El temor de los padres es que los hijos varones sean “menos hombres” si practican una actividad socialmente vista como para mujeres, tal como el baile, el ballet y el canto, entre otras. Y viceversa sería el temor de que las hijas sean “menos femeninas” al tener prácticas vistas como masculinas, tales como el fútbol, el basquetbol, las artes marciales, etc.

Para la psicóloga Castillo es fundamental que exista el respeto hacia la individualidad de los hijos. Ellos no son una extensión de su ser. No están obligados a cumplir los sueños frustrados ni a tener los mismos gustos. “Lo que los adultos sí deben hacer es servir de guía. Por ejemplo, no todas las actividades se pueden practicar por temas de edad, por limitantes económicas y deben ser guiados hacia actividades que defiendan los valores humanos, no hacia actividades violentas que atenten contra la integridad humana”.

Elegir sin presión

Los deportes llaman la atención de los niños por cuestiones de gustos, intereses y personalidades particulares, al igual que en los adultos.

Ahora bien, los menores pueden sentirse presionados a practicar alguna actividad por la insistencia de sus padres, por la prohibición o precio de un grupo cuando una actividad goza de gran popularidad.

Por este motivo se les debe enseñar desde pequeños los valores de la originalidad, el respeto y el valor de ser uno mismo.

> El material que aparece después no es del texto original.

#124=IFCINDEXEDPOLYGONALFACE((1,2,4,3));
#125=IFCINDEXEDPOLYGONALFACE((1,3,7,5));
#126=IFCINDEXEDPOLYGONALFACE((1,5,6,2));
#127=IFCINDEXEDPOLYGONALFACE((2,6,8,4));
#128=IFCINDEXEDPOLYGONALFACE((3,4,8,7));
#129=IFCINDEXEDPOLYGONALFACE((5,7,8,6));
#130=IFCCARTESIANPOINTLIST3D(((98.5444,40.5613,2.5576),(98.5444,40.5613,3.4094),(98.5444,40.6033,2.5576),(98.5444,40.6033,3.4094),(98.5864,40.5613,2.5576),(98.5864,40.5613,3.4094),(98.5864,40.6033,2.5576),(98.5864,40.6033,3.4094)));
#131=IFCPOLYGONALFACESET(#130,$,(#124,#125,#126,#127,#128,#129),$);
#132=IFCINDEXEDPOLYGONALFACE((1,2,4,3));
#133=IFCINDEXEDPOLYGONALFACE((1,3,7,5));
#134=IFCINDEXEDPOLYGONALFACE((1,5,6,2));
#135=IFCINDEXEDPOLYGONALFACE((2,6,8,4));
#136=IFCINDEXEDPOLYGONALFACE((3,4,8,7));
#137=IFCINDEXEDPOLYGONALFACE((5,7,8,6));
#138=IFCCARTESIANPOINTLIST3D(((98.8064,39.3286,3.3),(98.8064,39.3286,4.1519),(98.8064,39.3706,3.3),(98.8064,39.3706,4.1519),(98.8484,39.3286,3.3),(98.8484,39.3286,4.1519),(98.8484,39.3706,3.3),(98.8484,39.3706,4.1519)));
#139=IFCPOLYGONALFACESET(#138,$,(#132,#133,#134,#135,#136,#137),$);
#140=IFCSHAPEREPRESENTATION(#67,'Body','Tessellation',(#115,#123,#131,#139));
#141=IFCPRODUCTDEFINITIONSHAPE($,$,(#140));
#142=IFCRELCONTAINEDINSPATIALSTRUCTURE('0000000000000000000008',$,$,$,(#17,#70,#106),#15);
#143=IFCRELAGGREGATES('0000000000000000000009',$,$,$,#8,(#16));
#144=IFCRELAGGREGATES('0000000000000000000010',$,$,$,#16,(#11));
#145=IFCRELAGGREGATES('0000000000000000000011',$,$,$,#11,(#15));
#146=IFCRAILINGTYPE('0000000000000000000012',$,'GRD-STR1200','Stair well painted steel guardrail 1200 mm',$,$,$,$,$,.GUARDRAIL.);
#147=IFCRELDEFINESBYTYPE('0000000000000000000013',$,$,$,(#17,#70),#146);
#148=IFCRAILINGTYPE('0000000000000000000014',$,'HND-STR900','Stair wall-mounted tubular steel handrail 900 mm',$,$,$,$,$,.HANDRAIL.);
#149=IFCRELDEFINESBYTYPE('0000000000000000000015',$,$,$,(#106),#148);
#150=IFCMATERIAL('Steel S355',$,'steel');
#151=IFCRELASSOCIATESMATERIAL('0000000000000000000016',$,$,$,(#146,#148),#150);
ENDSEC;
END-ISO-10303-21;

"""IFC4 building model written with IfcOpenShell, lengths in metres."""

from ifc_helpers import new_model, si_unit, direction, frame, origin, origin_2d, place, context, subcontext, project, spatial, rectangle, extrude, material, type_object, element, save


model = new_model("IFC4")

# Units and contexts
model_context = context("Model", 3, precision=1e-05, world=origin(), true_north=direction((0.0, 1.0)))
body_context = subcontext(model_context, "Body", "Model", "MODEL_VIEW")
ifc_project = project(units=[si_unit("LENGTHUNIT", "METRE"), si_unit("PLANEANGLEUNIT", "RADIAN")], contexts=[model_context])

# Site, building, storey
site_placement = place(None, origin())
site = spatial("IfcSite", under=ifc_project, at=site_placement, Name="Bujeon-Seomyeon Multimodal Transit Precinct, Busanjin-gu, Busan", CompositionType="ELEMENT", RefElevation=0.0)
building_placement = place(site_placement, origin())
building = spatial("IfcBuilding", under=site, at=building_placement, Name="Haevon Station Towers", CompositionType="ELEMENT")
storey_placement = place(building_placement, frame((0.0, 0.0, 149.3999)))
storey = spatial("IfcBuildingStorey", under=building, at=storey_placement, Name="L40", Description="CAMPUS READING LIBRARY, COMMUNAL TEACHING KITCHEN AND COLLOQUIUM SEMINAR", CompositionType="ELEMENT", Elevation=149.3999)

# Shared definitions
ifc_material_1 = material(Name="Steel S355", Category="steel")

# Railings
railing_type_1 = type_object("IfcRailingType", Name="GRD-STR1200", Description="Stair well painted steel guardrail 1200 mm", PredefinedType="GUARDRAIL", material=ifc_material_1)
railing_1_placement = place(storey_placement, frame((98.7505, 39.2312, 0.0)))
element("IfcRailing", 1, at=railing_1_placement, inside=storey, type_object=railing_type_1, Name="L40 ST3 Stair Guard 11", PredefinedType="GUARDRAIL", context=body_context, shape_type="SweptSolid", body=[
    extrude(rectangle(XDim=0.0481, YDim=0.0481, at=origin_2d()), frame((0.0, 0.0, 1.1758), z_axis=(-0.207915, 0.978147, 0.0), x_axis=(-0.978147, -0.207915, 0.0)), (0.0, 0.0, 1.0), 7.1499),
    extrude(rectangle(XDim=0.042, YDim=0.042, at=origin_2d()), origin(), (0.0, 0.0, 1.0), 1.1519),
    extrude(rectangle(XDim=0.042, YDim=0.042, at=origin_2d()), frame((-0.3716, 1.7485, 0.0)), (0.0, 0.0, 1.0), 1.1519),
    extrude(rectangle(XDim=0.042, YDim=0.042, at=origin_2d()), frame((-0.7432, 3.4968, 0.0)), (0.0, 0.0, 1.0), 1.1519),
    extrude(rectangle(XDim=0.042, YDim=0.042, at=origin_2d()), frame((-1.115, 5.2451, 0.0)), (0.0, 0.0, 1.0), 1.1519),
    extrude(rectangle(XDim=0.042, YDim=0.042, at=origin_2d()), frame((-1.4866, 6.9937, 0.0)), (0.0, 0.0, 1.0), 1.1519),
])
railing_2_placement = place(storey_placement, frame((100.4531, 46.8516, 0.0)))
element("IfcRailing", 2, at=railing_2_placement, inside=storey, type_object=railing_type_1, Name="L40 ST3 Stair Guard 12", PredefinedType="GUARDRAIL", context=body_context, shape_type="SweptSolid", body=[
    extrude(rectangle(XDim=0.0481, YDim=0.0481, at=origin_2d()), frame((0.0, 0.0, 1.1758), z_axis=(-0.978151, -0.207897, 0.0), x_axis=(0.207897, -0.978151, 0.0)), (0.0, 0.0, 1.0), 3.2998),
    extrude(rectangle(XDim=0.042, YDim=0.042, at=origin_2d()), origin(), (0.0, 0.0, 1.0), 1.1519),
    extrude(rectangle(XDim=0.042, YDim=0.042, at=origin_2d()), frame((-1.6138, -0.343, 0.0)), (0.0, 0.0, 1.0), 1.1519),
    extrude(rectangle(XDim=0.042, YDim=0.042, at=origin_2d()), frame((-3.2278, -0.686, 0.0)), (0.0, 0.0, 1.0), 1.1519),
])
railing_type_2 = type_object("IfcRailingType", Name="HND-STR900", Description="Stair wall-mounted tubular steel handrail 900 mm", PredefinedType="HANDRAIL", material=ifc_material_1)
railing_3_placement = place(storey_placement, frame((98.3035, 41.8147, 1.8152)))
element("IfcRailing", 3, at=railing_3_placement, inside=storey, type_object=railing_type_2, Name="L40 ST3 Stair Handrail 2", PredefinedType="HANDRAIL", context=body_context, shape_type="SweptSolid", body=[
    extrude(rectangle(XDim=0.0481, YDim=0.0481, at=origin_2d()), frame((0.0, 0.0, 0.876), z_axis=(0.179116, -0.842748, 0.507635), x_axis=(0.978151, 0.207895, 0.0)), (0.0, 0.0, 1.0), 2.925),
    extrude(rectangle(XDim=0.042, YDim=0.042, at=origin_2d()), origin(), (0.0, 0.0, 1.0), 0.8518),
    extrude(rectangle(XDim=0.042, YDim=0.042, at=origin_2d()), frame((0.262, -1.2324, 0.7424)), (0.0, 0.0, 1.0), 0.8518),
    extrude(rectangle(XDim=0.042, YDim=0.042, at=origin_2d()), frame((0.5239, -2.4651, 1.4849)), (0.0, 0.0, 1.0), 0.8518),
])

A los niños no se les debe restringir una actividad para evitar consecuencias que afecten la personalidad y la realidad. Podrían dañar la autoestima del pequeño, que simplemente el niño pierda interés y motivación hacia actividades que no son de su agrado, sino impuestas o revelarse hacia sus padres, entre otras.

Con esta acción se estaría logrando transmitir en los niños prejuicios y concepciones machistas sobre el mundo que, lamentablemente, quizá los acompañen por el resto de sus vidas.

María Monge recomienda a los padres de familia tener confianza en lo que los hijos elijan y apoyarles en el deporte que se sientan plenos, seguros y realizados. “Desde que Valeria está practicando ese deporte, se ha convertido en una joven muy disciplinada, atenta, madura y sobre todo, muy saludable”, concluye.